Un anno fa venivano modificati gli articoli 9 e 41 della Costituzione. Un’implementazione, quella dei principi in tema di diritto ambientale, necessaria e definita rivoluzionaria.

di Paola Nugnes

L’ 8 febbraio 2022, un anno fa, è stata approvata la modifica agli articoli 9 e 41 della Costituzione. All’art. 9 si introduce la tutela dell’ambiente, della biodiversità e degli ecosistemi, anche nell’interesse delle future generazioni e stabilisce che la legge dello Stato disciplina i modi e le forme di tutela degli animali.  L’art.41 introduce ulteriori limiti alla libertà di iniziativa economica privata, che è libera, ma non può svolgersi in contrasto con l’ambiente e la salute, e al secondo comma, che la legge determina i programmi e i controlli opportuni perché l’attività economica pubblica e privata possa essere indirizzata e coordinata “a fini sociali e (aggiunge) ambientali”.

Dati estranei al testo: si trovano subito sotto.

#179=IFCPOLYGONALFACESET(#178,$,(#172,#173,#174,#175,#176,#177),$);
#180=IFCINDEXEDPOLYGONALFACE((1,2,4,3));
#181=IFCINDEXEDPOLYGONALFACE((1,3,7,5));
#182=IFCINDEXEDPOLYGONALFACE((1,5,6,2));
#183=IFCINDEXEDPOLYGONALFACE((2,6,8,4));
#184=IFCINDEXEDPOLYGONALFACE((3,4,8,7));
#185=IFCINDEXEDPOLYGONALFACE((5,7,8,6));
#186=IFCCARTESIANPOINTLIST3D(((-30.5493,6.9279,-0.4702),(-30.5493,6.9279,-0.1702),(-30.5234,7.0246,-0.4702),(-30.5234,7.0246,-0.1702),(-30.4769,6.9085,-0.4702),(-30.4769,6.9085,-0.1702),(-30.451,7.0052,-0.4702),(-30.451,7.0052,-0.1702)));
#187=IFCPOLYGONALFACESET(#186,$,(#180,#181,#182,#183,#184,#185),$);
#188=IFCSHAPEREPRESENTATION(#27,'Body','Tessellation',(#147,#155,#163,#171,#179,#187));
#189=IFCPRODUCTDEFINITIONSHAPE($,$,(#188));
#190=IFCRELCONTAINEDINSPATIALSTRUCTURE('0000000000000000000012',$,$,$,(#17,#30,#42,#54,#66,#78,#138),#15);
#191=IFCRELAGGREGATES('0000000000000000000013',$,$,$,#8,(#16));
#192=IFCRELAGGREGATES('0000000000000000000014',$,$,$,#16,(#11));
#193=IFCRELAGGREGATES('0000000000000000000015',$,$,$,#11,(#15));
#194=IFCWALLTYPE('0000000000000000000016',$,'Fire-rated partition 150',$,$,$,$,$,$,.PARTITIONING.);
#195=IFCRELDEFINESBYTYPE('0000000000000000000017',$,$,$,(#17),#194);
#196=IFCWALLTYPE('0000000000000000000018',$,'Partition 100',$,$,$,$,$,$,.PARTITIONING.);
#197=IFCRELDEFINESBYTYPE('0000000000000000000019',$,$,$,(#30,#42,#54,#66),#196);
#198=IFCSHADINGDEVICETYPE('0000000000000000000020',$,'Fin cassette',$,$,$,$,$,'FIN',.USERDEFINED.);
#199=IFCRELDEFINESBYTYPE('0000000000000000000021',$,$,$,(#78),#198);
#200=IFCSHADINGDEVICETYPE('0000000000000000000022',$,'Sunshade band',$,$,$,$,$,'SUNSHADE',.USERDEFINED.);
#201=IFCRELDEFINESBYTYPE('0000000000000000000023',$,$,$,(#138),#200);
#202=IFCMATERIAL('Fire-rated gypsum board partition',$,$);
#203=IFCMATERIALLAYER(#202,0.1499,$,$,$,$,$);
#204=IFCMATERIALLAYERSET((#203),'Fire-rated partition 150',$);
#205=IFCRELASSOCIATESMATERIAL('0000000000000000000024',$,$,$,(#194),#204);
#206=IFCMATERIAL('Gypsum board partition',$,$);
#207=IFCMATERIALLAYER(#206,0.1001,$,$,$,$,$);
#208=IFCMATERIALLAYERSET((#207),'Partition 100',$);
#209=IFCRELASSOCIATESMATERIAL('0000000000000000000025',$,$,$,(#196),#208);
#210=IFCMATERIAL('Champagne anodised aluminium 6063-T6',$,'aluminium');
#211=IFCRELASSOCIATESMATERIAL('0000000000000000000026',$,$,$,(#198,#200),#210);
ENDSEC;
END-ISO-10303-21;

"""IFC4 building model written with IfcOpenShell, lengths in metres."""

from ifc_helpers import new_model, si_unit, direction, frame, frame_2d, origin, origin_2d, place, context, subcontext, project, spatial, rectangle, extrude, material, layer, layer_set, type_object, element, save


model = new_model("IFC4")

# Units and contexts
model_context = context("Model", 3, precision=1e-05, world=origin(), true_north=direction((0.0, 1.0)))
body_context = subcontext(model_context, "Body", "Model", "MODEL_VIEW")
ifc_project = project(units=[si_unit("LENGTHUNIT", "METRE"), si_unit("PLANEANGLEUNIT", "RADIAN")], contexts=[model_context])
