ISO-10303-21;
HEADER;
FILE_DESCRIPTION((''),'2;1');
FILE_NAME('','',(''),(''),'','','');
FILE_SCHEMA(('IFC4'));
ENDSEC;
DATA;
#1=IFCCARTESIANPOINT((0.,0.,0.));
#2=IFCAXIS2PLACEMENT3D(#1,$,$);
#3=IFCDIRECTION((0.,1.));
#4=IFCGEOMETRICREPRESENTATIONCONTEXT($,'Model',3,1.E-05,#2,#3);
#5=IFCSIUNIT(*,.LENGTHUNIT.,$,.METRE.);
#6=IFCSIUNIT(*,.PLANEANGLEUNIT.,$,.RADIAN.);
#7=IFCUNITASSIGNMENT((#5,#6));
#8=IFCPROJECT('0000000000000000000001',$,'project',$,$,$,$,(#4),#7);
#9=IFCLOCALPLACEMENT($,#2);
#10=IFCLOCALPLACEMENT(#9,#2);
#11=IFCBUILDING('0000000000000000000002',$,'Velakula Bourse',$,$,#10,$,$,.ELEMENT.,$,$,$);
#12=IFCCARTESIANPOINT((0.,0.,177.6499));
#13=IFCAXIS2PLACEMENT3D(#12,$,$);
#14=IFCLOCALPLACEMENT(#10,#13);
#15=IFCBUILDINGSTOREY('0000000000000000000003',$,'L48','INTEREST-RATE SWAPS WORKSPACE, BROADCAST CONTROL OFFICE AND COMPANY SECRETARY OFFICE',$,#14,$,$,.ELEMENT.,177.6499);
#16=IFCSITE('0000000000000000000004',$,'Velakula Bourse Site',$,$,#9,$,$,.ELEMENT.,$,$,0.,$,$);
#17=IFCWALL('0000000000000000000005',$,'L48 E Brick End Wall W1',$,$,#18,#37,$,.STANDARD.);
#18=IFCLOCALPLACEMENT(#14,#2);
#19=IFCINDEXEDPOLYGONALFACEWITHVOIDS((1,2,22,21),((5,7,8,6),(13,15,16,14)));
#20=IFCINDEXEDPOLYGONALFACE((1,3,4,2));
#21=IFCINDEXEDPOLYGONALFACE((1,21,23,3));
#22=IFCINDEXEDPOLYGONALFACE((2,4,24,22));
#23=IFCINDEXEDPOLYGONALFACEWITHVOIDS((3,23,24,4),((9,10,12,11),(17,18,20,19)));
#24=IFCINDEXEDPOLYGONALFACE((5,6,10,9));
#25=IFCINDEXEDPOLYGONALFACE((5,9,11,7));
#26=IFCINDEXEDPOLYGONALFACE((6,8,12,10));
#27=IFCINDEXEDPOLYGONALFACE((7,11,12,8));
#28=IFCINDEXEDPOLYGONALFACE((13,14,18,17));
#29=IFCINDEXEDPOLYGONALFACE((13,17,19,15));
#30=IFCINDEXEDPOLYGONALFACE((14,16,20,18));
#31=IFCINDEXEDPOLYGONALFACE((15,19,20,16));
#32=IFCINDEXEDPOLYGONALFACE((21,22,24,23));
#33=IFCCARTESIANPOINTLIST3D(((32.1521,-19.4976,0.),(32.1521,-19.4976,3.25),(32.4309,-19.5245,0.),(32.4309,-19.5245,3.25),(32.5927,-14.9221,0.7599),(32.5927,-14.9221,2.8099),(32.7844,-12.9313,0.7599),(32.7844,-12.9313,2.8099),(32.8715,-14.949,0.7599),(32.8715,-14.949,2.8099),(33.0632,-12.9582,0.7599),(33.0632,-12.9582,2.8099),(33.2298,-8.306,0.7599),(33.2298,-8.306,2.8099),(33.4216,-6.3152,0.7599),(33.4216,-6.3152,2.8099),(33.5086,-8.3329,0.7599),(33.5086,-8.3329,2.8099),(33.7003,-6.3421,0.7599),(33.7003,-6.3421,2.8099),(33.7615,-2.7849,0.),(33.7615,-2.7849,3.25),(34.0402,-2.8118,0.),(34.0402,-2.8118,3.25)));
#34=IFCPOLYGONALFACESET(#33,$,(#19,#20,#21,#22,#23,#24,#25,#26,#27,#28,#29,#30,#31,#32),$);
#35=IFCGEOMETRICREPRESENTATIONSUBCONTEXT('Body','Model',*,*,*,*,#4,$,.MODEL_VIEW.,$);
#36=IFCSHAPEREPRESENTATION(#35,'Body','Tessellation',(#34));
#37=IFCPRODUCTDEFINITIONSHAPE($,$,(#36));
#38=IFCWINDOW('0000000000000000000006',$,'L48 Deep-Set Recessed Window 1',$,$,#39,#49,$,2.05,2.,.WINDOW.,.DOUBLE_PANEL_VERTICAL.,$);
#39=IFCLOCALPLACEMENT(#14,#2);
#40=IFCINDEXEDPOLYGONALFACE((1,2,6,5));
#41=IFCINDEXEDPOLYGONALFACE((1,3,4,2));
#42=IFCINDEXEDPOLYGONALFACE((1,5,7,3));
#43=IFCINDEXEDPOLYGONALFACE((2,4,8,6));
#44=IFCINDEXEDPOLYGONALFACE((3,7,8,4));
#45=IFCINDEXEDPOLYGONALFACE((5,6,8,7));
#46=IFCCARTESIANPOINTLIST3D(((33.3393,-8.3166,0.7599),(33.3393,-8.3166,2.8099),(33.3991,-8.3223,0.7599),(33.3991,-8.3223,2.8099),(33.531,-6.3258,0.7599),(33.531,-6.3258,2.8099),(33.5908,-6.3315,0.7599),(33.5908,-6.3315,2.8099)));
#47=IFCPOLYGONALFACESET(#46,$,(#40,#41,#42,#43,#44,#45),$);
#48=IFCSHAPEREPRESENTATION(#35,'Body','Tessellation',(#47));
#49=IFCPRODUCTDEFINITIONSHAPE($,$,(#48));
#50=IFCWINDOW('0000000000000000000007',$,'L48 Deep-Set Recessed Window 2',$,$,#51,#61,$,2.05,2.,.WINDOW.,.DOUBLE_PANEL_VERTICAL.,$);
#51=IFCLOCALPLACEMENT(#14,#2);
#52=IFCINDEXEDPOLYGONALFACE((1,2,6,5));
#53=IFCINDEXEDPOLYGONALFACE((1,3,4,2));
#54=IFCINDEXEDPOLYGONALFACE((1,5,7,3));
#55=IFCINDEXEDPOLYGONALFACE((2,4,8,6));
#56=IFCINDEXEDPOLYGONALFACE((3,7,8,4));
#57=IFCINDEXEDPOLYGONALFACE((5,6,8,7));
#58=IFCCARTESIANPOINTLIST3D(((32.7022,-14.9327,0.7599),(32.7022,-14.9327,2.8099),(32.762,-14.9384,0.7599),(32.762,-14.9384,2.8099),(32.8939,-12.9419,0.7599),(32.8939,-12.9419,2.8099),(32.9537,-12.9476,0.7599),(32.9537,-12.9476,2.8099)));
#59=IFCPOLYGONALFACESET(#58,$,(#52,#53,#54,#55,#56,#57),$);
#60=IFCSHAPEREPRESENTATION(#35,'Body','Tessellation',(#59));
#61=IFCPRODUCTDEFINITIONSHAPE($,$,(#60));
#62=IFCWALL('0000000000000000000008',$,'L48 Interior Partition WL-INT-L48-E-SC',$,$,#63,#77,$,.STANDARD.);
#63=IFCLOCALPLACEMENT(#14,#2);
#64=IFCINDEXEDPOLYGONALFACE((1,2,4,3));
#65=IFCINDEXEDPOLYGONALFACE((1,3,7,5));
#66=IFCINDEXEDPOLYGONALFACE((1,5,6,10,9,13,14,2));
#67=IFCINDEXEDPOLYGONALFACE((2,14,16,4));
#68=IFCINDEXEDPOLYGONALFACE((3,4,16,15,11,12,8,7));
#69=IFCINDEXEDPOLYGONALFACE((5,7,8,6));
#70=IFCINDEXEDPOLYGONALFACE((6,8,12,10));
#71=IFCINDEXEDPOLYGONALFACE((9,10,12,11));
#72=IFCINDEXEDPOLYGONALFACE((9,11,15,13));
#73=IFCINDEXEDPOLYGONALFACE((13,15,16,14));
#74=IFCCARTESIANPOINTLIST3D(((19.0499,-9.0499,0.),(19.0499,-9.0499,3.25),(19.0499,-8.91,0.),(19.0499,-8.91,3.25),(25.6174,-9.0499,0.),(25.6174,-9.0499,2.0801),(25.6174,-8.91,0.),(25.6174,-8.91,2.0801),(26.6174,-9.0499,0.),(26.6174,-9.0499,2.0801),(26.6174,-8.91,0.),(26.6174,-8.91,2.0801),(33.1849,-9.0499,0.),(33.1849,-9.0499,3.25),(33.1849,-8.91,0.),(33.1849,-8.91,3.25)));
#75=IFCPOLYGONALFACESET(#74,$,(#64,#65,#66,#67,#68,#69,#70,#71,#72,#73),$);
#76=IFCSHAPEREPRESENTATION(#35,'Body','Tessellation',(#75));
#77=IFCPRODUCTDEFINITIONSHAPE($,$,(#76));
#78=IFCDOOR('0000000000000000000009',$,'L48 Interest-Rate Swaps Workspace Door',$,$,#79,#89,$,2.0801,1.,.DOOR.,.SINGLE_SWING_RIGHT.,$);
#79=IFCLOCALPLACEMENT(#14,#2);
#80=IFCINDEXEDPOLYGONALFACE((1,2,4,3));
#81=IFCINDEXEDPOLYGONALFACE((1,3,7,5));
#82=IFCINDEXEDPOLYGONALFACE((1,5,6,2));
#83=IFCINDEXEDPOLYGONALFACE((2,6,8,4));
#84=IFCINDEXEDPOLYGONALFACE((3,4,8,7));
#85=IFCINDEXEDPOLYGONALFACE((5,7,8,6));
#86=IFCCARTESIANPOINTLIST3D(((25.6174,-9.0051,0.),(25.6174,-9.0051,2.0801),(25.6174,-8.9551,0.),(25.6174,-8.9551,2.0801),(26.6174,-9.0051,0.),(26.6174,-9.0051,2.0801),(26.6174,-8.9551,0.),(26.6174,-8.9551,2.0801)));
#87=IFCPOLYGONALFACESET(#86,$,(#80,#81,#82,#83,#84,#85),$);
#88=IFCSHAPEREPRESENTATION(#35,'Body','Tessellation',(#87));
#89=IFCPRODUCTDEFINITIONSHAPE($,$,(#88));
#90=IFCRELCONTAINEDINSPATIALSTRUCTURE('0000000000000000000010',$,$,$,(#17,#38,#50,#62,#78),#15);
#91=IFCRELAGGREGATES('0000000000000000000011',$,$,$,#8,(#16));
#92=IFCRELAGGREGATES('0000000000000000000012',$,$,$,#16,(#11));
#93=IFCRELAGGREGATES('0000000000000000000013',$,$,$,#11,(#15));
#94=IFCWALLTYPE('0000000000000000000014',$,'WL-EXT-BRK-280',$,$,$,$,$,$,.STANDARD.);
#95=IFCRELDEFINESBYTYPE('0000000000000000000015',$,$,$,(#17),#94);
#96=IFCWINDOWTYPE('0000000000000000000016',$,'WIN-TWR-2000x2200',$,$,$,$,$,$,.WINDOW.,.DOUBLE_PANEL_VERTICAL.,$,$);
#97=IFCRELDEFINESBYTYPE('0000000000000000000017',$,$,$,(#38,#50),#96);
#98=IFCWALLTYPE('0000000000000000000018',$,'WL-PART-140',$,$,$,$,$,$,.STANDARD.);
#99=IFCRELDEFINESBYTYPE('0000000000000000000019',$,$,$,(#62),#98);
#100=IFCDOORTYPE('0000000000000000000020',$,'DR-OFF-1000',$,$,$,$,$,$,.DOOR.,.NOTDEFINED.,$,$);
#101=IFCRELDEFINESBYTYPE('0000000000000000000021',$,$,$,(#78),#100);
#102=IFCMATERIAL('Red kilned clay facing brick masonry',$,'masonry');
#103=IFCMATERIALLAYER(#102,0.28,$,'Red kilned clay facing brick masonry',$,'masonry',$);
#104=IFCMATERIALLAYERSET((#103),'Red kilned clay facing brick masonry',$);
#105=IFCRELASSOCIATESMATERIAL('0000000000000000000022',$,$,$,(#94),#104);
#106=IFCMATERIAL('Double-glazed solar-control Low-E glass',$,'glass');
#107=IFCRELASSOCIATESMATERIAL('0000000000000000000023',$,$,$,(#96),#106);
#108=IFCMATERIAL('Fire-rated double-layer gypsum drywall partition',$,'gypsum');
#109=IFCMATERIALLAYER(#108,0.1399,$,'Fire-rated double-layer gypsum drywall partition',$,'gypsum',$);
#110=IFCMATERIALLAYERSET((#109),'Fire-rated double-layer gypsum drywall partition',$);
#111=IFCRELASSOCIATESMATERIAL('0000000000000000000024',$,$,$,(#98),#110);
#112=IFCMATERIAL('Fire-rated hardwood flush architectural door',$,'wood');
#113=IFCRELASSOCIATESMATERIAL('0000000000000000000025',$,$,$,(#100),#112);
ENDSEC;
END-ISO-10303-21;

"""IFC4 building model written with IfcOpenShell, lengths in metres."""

from ifc_helpers import new_model, si_unit, direction, frame, frame_2d, origin, place, context, subcontext, project, spatial, rectangle, extrude, material, layer, layer_set, type_object, element, fill, save


model = new_model("IFC4")

# Units and contexts
model_context = context("Model", 3, precision=1e-05, world=origin(), true_north=direction((0.0, 1.0)))
body_context = subcontext(model_context, "Body", "Model", "MODEL_VIEW")
ifc_project = project(units=[si_unit("LENGTHUNIT", "METRE"), si_unit("PLANEANGLEUNIT", "RADIAN")], contexts=[model_context])

# Site, building, storey
site_placement = place(None, origin())
site = spatial("IfcSite", under=ifc_project, at=site_placement, Name="Velakula Bourse Site", CompositionType="ELEMENT", RefElevation=0.0)
building_placement = place(site_placement, origin())
building = spatial("IfcBuilding", under=site, at=building_placement, Name="Velakula Bourse", CompositionType="ELEMENT")
storey_placement = place(building_placement, frame((0.0, 0.0, 177.6499)))
storey = spatial("IfcBuildingStorey", under=building, at=storey_placement, Name="L48", Description="INTEREST-RATE SWAPS WORKSPACE, BROADCAST CONTROL OFFICE AND COMPANY SECRETARY OFFICE", CompositionType="ELEMENT", Elevation=177.6499)

# Wall, openings, windows
ifc_material_1 = material(Name="Red kilned clay facing brick masonry", Category="masonry")
ifc_layer_1 = layer(ifc_material_1, 0.28, Name="Red kilned clay facing brick masonry", Category="masonry")
ifc_layer_set_1 = layer_set([ifc_layer_1], Name="Red kilned clay facing brick masonry")
wall_type_1 = type_object("IfcWallType", Name="WL-EXT-BRK-280", PredefinedType="STANDARD", material=ifc_layer_set_1)
wall_1_placement = place(storey_placement, frame((33.9009, -2.7983, 0.0), z_axis=(0.0, 0.0, 1.0), x_axis=(-0.095853, -0.995395, 0.0)))
wall_1 = element("IfcWall", 1, at=wall_1_placement, inside=storey, type_object=wall_type_1, Name="L48 E Brick End Wall W1", PredefinedType="STANDARD", context=body_context, shape_type="SweptSolid", body=[
    extrude(rectangle(XDim=16.79, YDim=0.28, at=frame_2d((8.395, 0.0))), origin(), (0.0, 0.0, 1.0), 3.25),
])
opening_1_placement = place(wall_1_placement, frame((3.5466, 0.0, 0.76)))
opening_1 = element("IfcOpeningElement", 2, at=opening_1_placement, cuts=wall_1, PredefinedType="OPENING", context=body_context, shape_type="SweptSolid", body=[
    extrude(rectangle(XDim=2.0, YDim=2.05, at=frame_2d((1.0, 1.0249))), frame((0.0, 0.1499, 0.0), z_axis=(0.0, -1.0, 0.0), x_axis=(1.0, 0.0, 0.0)), (0.0, 0.0, 1.0), 0.3),
])
opening_2_placement = place(wall_1_placement, frame((10.1934, 0.0, 0.76)))
opening_2 = element("IfcOpeningElement", 3, at=opening_2_placement, cuts=wall_1, PredefinedType="OPENING", context=body_context, shape_type="SweptSolid", body=[
    extrude(rectangle(XDim=2.0, YDim=2.05, at=frame_2d((1.0, 1.0249))), frame((0.0, 0.1499, 0.0), z_axis=(0.0, -1.0, 0.0), x_axis=(1.0, 0.0, 0.0)), (0.0, 0.0, 1.0), 0.3),
])
ifc_material_2 = material(Name="Double-glazed solar-control Low-E glass", Category="glass")
window_type = type_object("IfcWindowType", Name="WIN-TWR-2000x2200", PartitioningType="DOUBLE_PANEL_VERTICAL", PredefinedType="WINDOW", material=ifc_material_2)
window_1_placement = place(opening_1_placement, origin())
window_1 = element("IfcWindow", 4, at=window_1_placement, inside=storey, type_object=window_type, Name="L48 Deep-Set Recessed Window 1", OverallHeight=2.05, OverallWidth=2.0, PartitioningType="DOUBLE_PANEL_VERTICAL", PredefinedType="WINDOW", context=body_context, shape_type="SweptSolid", body=[
    extrude(rectangle(XDim=2.0, YDim=2.05, at=frame_2d((1.0, 1.0249))), frame((0.0, 0.03, 0.0), z_axis=(0.0, -1.0, 0.0), x_axis=(1.0, 0.0, 0.0)), (0.0, 0.0, 1.0), 0.0601),
])
fill(opening_1, window_1)
window_2_placement = place(opening_2_placement, origin())
window_2 = element("IfcWindow", 5, at=window_2_placement, inside=storey, type_object=window_type, Name="L48 Deep-Set Recessed Window 2", OverallHeight=2.05, OverallWidth=2.0, PartitioningType="DOUBLE_PANEL_VERTICAL", PredefinedType="WINDOW", context=body_context, shape_type="SweptSolid", body=[
    extrude(rectangle(XDim=2.0, YDim=2.05, at=frame_2d((1.0, 1.0249))), frame((0.0, 0.03, 0.0), z_axis=(0.0, -1.0, 0.0), x_axis=(1.0, 0.0, 0.0)), (0.0, 0.0, 1.0), 0.0601),
])
fill(opening_2, window_2)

Una rivoluzione, hanno detto in tanti, anche se ancora una volta una rivoluzione sulla Carta. Una «rivoluzione promessa, in cambio di una rivoluzione mancata», per usare le parole di Piero Calamandrei negli anni 50 del Novecento. Calamandrei definì la Costituzione italiana, per molti versi ancora non attuata e, nel corso degli ultimi 30 anni, più volte ignorata dalle leggi ordinarie.

Articoli 9 e 41 un anno dopo: una rivoluzione ‘promessa’

Questa modifica ha preoccupato molti illustri giuristi, conservatori e progressisti, che hanno sollevato diverse perplessità, ma è stata un atto dovuto, indubbiamente delicato, pericoloso anche, ma, necessario. Questo ci ha permesso di fare uno scatto culturale importante, dalla visione antropocentrica, verso la visione biocentrica, ponendo tra le tutele costituzionali l’ambiente nella sua interezza, ossia la sfera di circa 4 chilometri che circonda la terra, la biosfera, indispensabile alla vita su questo pianeta. L’uomo non è più sopra tutte le cose, ma è dentro, non è una parte che si contrappone, ma è una parte in relazione con il tutto.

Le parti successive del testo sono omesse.